R : Nous nous concentrons de plus en plus sur le développement d’adjuvants permettant de formuler des bétons à partir de matériaux normalement définis comme difficiles, comme le sable à haute teneur en argile ou même contenant des matières recyclées. En effet, la raréfaction des matières premières est un problème au cœur de la recherche de nouveaux adjuvants, car les matériaux utilisés pour la formulation du nouveau béton sont, pour des raisons économiques évidentes, souvent d’origine locale. C’est pourquoi les recherches menées en laboratoire portent sur l’existence et le développement d’autres adjuvants minéraux pouvant remplacer, au moins partiellement, le ciment, le laitier de haut fourneau, les cendres volantes (sous-produit de la combustion du charbon dans les centrales électriques) ou le métakaolin (obtenu en broyant le kaolin et en le chauffant à 750 °C).

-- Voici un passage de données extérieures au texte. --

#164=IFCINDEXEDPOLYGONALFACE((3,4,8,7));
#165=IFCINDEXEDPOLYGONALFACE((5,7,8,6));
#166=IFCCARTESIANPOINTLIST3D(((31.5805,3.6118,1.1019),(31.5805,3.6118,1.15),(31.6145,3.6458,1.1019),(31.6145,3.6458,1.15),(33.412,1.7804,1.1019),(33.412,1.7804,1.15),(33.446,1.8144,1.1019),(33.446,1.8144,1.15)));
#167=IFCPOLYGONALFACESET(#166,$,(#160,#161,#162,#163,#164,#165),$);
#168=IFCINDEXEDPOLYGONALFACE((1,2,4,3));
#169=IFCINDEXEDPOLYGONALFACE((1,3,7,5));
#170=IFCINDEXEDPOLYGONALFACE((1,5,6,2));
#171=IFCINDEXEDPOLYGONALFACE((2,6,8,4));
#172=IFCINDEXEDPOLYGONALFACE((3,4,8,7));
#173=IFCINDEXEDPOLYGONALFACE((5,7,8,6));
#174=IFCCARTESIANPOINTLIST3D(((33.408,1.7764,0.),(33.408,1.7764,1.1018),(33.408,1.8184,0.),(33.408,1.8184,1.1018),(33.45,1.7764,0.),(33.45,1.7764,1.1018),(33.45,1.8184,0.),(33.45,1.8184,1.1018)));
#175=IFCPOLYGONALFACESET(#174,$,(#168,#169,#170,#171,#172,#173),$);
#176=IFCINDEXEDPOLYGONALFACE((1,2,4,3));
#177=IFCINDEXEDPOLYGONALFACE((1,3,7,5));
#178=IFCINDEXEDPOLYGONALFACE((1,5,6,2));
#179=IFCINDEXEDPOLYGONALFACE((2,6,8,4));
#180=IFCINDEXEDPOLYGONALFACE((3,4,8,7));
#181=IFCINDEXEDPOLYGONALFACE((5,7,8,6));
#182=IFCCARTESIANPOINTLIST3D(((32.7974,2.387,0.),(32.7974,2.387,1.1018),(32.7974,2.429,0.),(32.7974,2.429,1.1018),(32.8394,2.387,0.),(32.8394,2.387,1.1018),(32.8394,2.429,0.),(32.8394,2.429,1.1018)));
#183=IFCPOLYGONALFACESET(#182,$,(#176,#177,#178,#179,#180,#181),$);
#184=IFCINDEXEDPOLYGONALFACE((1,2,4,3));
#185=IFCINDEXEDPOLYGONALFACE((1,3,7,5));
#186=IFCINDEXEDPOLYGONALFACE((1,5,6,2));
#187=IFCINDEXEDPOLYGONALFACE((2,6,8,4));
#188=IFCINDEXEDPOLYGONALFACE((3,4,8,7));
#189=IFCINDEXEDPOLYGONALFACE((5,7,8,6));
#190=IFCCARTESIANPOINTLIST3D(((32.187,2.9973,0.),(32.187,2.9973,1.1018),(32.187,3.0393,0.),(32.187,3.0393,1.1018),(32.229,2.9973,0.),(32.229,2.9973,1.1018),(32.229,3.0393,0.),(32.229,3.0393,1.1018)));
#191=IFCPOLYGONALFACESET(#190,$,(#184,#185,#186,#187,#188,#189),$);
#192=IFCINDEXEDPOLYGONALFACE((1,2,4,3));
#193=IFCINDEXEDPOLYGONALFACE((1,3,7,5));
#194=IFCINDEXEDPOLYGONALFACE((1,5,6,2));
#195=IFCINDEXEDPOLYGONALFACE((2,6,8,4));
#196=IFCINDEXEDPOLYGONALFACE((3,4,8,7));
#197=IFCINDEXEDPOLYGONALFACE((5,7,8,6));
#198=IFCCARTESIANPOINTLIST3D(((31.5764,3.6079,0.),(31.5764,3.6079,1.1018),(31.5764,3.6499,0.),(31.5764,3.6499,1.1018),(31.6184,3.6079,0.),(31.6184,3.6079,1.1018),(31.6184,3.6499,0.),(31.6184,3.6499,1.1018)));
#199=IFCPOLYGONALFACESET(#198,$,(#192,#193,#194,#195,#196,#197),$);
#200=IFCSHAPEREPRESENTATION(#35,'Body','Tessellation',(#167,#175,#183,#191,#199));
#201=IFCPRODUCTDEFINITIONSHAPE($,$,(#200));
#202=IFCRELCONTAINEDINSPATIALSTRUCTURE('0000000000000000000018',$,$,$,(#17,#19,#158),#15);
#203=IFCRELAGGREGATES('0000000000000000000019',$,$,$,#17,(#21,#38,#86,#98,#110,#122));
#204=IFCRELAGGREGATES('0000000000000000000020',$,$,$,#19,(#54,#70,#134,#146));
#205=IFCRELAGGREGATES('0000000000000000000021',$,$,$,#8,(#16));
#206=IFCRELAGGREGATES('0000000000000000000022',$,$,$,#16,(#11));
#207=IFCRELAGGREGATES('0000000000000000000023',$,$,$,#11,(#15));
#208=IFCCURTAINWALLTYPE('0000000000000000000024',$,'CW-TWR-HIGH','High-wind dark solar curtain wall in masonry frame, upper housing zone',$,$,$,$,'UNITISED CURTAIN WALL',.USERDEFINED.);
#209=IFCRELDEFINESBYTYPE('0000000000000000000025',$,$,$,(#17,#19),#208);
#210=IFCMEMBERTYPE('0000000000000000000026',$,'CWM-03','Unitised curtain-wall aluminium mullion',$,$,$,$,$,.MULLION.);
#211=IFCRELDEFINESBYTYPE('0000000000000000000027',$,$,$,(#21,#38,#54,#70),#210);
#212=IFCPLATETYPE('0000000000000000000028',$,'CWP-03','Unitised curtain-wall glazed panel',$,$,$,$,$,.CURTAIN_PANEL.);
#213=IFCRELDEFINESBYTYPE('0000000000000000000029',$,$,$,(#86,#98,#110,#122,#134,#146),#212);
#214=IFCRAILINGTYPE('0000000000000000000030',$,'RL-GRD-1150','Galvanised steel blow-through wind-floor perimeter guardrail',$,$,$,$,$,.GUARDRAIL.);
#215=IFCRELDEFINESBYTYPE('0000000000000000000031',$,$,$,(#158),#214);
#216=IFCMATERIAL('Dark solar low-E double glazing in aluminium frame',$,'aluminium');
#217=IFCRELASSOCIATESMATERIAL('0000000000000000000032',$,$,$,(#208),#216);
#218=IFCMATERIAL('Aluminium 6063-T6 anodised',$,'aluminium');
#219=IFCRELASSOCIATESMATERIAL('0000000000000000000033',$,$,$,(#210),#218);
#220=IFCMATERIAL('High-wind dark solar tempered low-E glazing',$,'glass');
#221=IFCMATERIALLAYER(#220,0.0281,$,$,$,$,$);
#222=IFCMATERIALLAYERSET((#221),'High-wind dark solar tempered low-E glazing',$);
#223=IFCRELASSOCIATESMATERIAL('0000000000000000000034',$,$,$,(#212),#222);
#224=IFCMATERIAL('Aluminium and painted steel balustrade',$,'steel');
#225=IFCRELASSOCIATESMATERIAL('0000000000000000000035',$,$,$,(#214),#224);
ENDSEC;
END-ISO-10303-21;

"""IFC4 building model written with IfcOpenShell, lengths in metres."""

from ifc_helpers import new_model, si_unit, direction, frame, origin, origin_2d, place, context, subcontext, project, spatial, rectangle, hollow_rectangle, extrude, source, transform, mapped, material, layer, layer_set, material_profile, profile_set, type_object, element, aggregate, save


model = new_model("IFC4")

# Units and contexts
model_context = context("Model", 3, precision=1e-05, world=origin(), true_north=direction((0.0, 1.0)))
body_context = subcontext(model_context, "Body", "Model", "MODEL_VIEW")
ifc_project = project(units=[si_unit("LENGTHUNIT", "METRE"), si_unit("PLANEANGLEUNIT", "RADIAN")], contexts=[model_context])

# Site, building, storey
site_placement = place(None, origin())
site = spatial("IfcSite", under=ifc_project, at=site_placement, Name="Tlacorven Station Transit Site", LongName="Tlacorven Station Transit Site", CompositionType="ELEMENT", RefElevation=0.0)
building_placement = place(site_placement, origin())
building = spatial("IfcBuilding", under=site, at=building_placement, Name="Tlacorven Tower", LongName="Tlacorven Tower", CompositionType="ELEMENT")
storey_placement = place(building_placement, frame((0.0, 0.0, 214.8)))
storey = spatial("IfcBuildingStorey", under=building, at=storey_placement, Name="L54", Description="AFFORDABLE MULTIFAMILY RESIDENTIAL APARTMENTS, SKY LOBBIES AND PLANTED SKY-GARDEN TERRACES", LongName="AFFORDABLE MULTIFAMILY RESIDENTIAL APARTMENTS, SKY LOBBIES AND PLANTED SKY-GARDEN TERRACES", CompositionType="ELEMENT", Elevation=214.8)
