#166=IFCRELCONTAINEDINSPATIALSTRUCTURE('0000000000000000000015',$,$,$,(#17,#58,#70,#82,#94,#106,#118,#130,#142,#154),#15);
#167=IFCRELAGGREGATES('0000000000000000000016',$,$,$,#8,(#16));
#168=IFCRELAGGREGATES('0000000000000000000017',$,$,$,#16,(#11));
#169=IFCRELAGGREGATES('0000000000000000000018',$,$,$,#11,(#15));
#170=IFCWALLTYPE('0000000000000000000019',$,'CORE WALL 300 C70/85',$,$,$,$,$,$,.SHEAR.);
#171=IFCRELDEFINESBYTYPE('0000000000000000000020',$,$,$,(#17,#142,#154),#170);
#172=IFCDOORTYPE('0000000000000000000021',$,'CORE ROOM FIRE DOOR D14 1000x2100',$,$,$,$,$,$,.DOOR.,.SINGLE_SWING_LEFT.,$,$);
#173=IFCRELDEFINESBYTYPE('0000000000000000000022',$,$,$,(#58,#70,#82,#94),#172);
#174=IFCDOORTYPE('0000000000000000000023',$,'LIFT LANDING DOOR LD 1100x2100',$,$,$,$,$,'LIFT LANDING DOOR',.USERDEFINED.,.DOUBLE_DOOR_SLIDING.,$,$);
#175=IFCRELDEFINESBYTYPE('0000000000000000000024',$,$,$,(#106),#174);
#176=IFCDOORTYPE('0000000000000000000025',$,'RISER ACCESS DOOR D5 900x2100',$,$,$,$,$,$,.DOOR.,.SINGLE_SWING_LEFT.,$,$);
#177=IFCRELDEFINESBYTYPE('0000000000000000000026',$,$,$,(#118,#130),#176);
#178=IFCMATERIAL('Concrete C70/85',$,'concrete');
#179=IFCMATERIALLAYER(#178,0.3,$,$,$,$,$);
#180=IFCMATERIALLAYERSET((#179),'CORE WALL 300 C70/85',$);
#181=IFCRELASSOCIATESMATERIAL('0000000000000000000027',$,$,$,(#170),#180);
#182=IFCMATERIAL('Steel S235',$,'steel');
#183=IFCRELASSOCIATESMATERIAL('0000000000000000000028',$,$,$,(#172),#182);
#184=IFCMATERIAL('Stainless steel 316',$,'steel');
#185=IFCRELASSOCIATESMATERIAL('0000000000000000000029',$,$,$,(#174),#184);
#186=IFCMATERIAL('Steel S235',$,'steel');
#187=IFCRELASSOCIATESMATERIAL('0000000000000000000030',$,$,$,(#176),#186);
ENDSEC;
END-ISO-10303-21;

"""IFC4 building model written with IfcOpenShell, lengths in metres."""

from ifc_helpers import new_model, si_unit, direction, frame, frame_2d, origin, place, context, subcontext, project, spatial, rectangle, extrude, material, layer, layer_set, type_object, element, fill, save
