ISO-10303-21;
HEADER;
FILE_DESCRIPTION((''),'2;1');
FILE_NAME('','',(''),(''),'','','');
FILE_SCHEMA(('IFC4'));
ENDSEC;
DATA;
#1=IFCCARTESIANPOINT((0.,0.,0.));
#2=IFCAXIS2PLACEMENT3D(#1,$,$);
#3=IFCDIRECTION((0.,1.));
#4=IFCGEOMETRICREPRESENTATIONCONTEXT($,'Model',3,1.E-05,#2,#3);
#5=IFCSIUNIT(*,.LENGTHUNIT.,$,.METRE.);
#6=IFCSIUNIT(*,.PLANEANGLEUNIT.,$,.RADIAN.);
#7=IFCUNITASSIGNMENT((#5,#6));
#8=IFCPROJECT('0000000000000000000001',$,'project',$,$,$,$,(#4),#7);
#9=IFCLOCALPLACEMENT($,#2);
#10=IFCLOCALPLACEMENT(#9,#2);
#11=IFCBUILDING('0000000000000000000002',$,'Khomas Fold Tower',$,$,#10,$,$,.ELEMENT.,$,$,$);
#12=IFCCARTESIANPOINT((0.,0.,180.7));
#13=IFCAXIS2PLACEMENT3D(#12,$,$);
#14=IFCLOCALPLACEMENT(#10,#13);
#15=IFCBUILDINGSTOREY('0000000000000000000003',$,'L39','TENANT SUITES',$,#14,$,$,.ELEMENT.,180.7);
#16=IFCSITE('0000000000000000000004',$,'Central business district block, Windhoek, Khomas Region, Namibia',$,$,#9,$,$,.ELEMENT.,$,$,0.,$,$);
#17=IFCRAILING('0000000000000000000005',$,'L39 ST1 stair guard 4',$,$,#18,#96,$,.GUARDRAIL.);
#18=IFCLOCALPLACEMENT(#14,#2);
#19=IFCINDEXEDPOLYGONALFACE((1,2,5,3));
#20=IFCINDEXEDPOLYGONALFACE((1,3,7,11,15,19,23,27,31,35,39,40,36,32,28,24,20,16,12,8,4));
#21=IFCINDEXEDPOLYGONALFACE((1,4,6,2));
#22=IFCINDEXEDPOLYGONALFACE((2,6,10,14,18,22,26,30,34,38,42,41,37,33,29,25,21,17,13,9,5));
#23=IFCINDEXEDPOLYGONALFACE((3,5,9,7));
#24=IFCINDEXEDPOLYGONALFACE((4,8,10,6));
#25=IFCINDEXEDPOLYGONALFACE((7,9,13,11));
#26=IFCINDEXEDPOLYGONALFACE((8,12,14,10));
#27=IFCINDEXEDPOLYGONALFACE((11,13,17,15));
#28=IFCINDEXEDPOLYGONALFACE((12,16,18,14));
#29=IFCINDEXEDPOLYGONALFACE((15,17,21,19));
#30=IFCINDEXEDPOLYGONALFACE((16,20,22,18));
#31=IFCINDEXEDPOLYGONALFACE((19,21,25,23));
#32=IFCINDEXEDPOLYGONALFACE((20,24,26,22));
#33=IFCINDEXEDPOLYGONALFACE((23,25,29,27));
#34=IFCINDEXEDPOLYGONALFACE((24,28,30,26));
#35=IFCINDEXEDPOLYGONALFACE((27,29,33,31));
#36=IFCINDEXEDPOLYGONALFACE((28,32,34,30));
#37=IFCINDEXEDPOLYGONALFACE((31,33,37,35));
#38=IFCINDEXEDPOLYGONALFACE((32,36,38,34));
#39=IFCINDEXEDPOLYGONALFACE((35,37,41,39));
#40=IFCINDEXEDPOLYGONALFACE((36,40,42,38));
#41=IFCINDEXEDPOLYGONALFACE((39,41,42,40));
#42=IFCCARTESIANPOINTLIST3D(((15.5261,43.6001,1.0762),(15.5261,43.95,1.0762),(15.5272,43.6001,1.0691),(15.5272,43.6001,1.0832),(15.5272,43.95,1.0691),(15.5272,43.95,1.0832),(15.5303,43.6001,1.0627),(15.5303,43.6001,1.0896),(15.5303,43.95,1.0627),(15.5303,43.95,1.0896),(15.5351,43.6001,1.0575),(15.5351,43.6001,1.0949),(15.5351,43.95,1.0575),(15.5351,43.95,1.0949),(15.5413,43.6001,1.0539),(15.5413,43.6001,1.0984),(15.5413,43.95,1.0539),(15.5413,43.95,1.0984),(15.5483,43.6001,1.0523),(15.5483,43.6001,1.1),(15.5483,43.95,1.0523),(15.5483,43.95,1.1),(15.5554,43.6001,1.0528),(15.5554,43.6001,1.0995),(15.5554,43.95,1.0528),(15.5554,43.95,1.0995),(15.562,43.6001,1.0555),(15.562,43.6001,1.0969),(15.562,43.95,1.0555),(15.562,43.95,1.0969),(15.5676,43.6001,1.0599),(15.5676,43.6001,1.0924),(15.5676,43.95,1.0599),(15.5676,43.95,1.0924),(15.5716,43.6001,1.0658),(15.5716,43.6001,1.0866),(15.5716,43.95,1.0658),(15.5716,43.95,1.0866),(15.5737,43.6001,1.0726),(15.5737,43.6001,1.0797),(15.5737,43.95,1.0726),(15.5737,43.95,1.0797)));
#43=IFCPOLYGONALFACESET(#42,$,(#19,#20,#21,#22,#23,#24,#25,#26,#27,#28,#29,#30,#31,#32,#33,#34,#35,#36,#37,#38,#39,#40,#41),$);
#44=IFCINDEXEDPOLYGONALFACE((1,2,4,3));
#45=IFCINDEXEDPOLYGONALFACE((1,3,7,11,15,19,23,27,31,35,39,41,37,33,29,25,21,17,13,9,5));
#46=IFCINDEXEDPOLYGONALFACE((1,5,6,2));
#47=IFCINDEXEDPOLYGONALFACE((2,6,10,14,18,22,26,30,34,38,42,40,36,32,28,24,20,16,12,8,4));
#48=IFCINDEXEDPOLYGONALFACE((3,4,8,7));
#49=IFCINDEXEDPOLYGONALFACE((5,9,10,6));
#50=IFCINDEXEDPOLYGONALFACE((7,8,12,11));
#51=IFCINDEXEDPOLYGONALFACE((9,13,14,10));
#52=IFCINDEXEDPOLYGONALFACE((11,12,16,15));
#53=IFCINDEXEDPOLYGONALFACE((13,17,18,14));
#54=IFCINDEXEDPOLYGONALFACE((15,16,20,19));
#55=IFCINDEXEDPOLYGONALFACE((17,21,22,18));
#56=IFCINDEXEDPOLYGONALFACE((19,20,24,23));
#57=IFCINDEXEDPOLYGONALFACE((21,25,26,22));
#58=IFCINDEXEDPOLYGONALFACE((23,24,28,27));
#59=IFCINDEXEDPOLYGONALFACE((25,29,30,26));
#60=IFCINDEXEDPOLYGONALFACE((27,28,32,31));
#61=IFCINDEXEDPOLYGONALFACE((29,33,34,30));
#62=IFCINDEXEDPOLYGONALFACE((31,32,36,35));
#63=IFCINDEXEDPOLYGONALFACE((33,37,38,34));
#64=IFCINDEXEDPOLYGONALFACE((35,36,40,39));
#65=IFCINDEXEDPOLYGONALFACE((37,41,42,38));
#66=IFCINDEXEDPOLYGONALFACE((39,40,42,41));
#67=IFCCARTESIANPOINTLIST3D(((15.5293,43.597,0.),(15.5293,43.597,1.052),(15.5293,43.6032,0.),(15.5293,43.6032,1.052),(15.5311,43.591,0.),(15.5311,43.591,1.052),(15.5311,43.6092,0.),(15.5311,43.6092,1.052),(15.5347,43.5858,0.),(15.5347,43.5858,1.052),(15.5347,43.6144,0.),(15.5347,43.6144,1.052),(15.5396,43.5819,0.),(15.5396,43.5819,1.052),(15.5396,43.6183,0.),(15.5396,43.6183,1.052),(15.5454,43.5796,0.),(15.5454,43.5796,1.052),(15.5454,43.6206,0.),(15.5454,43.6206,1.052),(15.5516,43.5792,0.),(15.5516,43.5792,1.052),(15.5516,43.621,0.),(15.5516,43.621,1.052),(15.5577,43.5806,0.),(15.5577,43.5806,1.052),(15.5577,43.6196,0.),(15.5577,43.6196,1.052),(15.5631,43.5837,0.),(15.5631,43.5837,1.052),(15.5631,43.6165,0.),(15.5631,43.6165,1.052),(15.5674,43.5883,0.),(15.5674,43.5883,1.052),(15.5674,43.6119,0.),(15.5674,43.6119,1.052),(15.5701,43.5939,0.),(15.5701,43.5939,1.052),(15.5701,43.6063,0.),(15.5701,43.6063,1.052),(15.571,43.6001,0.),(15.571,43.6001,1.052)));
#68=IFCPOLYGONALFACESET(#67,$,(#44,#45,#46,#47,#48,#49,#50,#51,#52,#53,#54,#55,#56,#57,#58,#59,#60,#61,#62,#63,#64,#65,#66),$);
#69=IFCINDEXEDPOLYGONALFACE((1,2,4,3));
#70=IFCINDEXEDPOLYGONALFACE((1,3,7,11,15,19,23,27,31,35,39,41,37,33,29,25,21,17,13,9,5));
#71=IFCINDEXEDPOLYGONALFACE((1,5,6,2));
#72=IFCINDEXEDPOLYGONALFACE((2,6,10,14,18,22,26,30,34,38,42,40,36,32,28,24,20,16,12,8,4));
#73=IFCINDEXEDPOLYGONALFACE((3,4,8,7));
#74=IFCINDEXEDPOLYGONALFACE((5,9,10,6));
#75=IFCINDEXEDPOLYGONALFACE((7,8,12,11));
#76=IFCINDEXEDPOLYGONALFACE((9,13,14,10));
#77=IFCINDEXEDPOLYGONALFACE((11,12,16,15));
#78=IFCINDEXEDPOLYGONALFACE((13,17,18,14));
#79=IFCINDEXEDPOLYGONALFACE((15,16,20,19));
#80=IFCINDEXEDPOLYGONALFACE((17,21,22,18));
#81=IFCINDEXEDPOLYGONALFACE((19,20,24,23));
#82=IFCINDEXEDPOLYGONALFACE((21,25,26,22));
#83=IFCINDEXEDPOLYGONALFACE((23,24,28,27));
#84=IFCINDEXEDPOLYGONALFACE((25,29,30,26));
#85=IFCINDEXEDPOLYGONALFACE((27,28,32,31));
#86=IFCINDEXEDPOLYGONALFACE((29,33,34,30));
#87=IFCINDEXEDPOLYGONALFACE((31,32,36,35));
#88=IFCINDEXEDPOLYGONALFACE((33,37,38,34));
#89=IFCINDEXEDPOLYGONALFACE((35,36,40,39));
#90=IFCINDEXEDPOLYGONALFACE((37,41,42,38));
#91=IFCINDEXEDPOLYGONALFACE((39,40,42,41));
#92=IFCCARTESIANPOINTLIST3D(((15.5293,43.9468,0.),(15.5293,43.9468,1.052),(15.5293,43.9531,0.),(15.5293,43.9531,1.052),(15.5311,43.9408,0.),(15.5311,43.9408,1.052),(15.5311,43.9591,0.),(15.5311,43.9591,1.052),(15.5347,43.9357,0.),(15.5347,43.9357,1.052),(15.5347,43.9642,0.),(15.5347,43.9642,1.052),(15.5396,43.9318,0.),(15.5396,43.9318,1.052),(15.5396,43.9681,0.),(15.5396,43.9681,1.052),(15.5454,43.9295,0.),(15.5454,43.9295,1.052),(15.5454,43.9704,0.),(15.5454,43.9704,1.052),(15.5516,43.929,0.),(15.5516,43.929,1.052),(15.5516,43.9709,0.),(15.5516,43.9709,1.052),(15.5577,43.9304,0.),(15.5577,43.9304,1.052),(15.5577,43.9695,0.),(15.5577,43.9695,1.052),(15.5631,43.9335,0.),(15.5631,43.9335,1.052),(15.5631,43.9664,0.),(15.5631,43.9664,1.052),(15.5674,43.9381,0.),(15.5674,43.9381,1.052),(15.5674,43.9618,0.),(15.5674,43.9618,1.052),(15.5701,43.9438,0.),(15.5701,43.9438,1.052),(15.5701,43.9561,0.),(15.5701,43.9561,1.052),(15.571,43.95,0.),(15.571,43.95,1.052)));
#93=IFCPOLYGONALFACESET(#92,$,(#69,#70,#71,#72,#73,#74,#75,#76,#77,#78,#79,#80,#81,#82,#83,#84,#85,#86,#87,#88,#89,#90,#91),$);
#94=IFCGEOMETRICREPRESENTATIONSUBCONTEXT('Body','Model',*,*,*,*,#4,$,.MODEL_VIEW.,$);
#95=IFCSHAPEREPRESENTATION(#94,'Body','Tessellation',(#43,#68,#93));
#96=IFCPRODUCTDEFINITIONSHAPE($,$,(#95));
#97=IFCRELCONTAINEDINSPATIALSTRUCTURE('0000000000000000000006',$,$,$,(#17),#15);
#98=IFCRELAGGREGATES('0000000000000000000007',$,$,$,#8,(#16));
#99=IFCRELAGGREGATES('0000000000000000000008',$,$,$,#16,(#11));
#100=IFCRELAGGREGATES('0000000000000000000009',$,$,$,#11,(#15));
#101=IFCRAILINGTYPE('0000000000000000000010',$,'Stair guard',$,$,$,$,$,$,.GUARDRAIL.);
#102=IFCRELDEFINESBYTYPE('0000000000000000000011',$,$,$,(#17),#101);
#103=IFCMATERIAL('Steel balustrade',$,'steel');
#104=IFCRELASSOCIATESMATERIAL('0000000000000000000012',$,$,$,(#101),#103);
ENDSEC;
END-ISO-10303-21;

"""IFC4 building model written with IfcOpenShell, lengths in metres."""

from ifc_helpers import new_model, si_unit, direction, frame, origin, origin_2d, place, context, subcontext, project, spatial, circle, extrude, source, transform, mapped, material, type_object, element, save


model = new_model("IFC4")

# Units and contexts
model_context = context("Model", 3, precision=1e-05, world=origin(), true_north=direction((0.0, 1.0)))
body_context = subcontext(model_context, "Body", "Model", "MODEL_VIEW")
ifc_project = project(units=[si_unit("LENGTHUNIT", "METRE"), si_unit("PLANEANGLEUNIT", "RADIAN")], contexts=[model_context])

# Site, building, storey
site_placement = place(None, origin())
site = spatial("IfcSite", under=ifc_project, at=site_placement, Name="Central business district block, Windhoek, Khomas Region, Namibia", CompositionType="ELEMENT", RefElevation=0.0)
building_placement = place(site_placement, origin())
building = spatial("IfcBuilding", under=site, at=building_placement, Name="Khomas Fold Tower", CompositionType="ELEMENT")
storey_placement = place(building_placement, frame((0.0, 0.0, 180.7)))
storey = spatial("IfcBuildingStorey", under=building, at=storey_placement, Name="L39", Description="TENANT SUITES", CompositionType="ELEMENT", Elevation=180.7)

# Railing
ifc_material_1 = material(Name="Steel balustrade", Category="steel")
railing_type_1 = type_object("IfcRailingType", Name="Stair guard", PredefinedType="GUARDRAIL", material=ifc_material_1)
shared_shape_1 = source(origin(), body_context, "Body", "SweptSolid", [
    extrude(circle(Radius=0.0239, at=origin_2d()), frame((0.0, 0.0, 1.0762), z_axis=(0.0, 1.0, 0.0), x_axis=(-1.0, 0.0, 0.0)), (0.0, 0.0, 1.0), 0.3499),
    extrude(circle(Radius=0.021, at=origin_2d()), origin(), (0.0, 0.0, 1.0), 1.052),
    extrude(circle(Radius=0.021, at=origin_2d()), frame((0.0, 0.3499, 0.0)), (0.0, 0.0, 1.0), 1.052),
])
for number, where, name in (
    (1, (15.55, 43.6001, 0.0), "L39 ST1 stair guard 4"),
):
    element("IfcRailing", number, at=place(storey_placement, frame(where)), inside=storey, type_object=railing_type_1, Name=name, PredefinedType="GUARDRAIL", context=body_context, shape_type="MappedRepresentation", body=[
        mapped(shared_shape_1, transform((0.0, 0.0, 0.0))),
    ])

save(model, "model.ifc")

Q : Serait-ce possible d’expliquer comment les adjuvants fonctionnent?

R : Les plastifiants et superplastifiants permettent de réduire grandement la quantité d’eau dans le béton (agents réducteurs d’eau), d’améliorer considérablement la consistance du béton sans modifier la quantité d’eau ou de produire ces deux effets en même temps. Les superplastifiants réduisent l’eau d’une quantité beaucoup plus importante que les plastifiants et ont donc un effet beaucoup plus prononcé. 


Les accélérateurs de prise agissent comme catalyseurs dans les réactions initiales d’hydratation du ciment, surtout à basse température, et accélèrent la prise du béton (voir le graphique ci-dessous, à gauche). Les accélérateurs de durcissement quant à eux améliorent les résistances initiales à la compression, avec ou sans modification des temps de prise. À l’inverse, les retardateurs de prise retardent le moment où le béton commence à prendre (voir le graphique ci-dessous, à droite).

Les agents entraîneurs d’air créent un réseau stable de bulles d’air microscopiques dans le béton, ce qui améliore la durabilité du béton exposé aux cycles de gel/dégel ainsi que sa résistance aux sels de déglaçage.


Enfin, les adjuvants hydrofuges réagissent pour former des particules hydrofuges qui réduisent l’action capillaire dans le béton et peuvent limiter l’infiltration d’eau sous pression.